This article was originally published on February 23, 2015.
How do you get money out of the bank? If you’re like most people, you head to the nearest ATM or talk to a teller for larger amounts. If you’re in a hacker group like Carbanak or Anunak, meanwhile, you’ve got a slightly different method: Break into a bank’s network and steal money from every platform available. According to New Scientist, hackers have already grabbed up to $1 billion from banks in Russia and Ukraine, and more financial institutions may be targeted in the coming months. So here’s the billion-dollar question: What happened, and could it happen here?
Follow the Money
As reported by CNN, the hack all started with — you guessed it — malware-laced emails. Hackers sent wave after wave to bank employees, hoping that one would download and open the malicious attachment. To no one’s great surprise, this is exactly what happened. The malware itself didn’t give direct access to financial systems, since employee computers were not admin-level machines. Instead, the code gave attackers full access to any email exchanges, the ability to infect other computers and control over a crude “camera” which let them capture screen images to see passwords and other safeguards. Eventually, the hackers found an admin terminal and were able to push their way into teller machines and tools like the interbank network SWIFT (Society for Worldwide Financial Telecommunication), allowing them to quickly move funds from account to account. They also learned how to avoid specific security measures and kept theft at any one bank below $10 million to avoid triggering volume-based cash-loss alarms.
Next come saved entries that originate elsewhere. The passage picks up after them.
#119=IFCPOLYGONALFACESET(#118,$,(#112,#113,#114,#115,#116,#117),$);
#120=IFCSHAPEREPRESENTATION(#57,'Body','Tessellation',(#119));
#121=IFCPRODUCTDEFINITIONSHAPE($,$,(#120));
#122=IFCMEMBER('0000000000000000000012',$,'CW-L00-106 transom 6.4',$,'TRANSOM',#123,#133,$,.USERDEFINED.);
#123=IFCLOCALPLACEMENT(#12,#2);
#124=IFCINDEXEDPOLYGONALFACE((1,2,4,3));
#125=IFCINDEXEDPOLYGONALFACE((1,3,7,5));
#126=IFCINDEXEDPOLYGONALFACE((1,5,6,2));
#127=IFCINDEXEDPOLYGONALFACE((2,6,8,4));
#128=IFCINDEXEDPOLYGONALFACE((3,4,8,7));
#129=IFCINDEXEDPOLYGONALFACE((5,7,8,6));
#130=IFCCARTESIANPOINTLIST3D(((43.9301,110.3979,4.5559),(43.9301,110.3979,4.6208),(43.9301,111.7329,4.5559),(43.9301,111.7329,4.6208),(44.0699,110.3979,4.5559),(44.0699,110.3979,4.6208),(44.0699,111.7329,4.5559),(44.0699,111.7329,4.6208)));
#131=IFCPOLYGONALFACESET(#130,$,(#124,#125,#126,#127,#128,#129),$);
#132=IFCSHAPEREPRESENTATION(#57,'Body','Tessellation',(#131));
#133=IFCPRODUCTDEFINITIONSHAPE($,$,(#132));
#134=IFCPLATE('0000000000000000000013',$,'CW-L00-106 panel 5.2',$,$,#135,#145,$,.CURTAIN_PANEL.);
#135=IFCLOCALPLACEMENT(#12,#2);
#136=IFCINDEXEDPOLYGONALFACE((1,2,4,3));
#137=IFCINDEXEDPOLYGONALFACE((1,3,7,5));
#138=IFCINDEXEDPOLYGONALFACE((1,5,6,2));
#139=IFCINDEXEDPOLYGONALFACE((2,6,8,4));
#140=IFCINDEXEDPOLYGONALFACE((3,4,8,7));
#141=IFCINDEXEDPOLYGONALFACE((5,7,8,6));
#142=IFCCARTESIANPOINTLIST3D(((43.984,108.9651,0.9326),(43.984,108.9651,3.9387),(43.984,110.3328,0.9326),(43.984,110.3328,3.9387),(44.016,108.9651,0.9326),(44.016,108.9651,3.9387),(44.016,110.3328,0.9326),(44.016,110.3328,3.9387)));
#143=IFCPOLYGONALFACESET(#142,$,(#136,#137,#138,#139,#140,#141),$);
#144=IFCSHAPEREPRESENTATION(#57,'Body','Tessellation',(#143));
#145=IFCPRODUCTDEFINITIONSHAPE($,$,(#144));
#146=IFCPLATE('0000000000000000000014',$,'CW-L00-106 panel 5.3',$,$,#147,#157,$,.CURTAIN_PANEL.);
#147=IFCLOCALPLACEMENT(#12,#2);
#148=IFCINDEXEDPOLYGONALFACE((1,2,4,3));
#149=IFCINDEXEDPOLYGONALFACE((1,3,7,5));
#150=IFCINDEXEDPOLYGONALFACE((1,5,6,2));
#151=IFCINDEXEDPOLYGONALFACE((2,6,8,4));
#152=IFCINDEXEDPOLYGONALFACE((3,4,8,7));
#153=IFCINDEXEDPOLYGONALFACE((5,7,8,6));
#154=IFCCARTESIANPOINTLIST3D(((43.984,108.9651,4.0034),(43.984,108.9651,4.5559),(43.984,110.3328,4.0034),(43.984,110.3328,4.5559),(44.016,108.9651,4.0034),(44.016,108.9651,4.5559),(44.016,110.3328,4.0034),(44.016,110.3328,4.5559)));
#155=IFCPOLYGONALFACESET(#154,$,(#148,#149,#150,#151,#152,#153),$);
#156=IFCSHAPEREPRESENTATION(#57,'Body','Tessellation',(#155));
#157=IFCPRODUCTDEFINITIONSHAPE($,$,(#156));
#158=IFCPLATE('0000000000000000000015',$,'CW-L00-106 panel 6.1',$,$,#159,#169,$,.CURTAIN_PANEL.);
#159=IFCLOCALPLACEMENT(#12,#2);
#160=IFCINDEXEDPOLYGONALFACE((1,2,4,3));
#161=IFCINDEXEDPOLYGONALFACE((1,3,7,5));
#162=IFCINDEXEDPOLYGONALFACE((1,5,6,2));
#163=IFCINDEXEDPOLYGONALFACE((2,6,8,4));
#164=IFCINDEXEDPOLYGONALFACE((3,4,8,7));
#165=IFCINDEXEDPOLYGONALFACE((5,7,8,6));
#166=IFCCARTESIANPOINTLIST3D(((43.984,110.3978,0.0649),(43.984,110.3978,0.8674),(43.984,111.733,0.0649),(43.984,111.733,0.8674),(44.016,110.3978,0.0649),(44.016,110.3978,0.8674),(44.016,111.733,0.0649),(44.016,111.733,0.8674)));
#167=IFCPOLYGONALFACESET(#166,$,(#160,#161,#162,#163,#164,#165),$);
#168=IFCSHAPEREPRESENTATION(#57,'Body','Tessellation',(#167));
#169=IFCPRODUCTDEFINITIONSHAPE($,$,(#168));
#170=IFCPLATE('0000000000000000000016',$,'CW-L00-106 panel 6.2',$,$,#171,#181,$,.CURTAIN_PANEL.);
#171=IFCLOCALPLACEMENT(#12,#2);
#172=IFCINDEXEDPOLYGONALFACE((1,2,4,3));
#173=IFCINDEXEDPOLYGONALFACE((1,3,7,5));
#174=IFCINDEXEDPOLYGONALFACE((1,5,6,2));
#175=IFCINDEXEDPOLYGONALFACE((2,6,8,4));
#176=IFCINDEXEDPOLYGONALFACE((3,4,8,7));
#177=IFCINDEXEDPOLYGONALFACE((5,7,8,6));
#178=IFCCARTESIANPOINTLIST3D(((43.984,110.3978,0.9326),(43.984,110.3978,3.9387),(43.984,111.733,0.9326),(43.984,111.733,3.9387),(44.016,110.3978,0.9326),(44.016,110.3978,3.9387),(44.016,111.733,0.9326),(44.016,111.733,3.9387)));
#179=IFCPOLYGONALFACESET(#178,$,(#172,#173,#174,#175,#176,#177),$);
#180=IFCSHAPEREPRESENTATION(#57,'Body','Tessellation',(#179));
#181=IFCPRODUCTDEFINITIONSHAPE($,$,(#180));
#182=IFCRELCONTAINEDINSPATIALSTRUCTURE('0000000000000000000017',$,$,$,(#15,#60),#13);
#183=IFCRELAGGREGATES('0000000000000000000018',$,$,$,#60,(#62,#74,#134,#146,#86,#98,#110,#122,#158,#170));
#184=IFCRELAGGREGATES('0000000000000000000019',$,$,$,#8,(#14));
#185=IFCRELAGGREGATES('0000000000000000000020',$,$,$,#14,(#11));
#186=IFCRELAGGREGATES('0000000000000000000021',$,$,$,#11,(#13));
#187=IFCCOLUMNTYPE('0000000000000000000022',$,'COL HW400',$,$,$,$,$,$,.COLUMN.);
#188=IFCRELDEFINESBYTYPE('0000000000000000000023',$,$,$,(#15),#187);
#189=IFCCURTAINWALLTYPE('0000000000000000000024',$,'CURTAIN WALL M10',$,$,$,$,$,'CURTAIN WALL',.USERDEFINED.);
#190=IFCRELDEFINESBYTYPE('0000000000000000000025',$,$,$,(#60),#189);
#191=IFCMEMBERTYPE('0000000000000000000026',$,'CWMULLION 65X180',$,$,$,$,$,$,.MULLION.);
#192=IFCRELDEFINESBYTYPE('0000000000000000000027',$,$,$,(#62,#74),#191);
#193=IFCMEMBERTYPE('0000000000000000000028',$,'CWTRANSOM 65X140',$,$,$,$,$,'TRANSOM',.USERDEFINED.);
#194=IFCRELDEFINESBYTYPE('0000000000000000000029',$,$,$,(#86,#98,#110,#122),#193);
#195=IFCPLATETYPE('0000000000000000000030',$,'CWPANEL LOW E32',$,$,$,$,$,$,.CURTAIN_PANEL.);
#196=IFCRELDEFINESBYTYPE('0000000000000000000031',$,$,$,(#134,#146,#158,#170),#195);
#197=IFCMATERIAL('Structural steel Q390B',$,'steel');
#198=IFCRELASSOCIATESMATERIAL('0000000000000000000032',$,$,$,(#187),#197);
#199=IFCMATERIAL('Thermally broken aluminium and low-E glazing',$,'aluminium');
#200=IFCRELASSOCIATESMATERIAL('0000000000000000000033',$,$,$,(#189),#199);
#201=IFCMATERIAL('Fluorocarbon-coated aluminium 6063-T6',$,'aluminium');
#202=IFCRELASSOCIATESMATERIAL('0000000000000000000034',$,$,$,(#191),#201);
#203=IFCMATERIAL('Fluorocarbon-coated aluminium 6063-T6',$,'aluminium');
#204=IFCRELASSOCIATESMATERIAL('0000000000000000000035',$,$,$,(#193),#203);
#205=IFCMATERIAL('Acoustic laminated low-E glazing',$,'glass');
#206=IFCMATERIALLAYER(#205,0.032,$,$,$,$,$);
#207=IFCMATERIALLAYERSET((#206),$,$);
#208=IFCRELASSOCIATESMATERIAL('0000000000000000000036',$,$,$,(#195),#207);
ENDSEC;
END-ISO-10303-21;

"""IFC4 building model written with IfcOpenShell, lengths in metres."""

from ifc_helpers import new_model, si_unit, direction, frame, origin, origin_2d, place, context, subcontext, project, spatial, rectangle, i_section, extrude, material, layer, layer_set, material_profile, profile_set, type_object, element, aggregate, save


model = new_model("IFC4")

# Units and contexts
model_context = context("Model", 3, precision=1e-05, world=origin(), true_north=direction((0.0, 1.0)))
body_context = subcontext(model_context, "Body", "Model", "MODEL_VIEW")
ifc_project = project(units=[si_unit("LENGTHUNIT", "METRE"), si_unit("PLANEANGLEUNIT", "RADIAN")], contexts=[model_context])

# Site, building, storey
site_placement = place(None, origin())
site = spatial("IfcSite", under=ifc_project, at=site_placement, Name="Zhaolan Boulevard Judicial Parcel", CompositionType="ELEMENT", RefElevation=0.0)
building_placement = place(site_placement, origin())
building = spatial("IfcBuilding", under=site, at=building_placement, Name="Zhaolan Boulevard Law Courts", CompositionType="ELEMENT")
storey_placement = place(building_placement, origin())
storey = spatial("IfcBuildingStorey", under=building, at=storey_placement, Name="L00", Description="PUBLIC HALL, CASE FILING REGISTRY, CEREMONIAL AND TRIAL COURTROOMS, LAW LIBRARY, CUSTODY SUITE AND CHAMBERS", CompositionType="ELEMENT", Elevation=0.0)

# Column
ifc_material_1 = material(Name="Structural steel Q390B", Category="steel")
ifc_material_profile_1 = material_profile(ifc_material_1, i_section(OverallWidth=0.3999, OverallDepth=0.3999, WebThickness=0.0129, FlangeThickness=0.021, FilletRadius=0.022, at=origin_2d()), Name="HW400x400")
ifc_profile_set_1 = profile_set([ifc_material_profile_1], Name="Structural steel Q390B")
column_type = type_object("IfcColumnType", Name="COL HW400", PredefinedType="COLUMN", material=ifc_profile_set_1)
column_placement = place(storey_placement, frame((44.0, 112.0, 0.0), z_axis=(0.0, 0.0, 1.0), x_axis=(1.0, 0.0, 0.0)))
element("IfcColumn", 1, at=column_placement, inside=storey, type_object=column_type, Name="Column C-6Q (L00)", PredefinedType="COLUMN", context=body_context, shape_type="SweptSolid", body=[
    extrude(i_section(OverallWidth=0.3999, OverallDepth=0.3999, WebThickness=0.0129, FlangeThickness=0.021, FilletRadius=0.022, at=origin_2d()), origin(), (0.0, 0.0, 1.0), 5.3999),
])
Security firms like Kaspersky Lab got involved when clients called to complain about ATM machines acting up — dispensing cash at seemingly random times. In fact, the cash was picked up by willing hacker mules, letting the Carbanak group get away with $7.3 million from a single bank. Late last year, the security firm was called by a high-profile CIO who had discovered information from his bank network being shunted to a C&C server in mainland China. Kaspersky found malware in the system based on backdoor tool Carberp, designed for espionage and system infiltration. Now, the number of banks infected is on the rise as everything from online platforms to ATMs to basic account creation tools have been compromised.
So Dumb It’s Smart?
As noted by the New Scientist piece, the way in for attackers was quite “dumb” — they relied on tried-and-true spear phishing attacks coupled with unending waves of spam email. In most cases, however, once a zombie machine is created the hackers go for broke and grab everything they can before IT security notices there’s anything amiss. Next, attack code is repackaged and the process starts over at a new bank. Not so with Carbanak and Anunak; these hackers got inside and then waited for months, lurking in the shadows until they were sure they knew exactly what to do without getting caught. In fact, a recent BBC article quotes one Kaspersky director as saying “this is likely the most sophisticated attack the world has seen to date in terms of the tactics and methods that cybercriminals have used to remain covert.” In other words, this is a big step forward for malware — and a big red flag for banks.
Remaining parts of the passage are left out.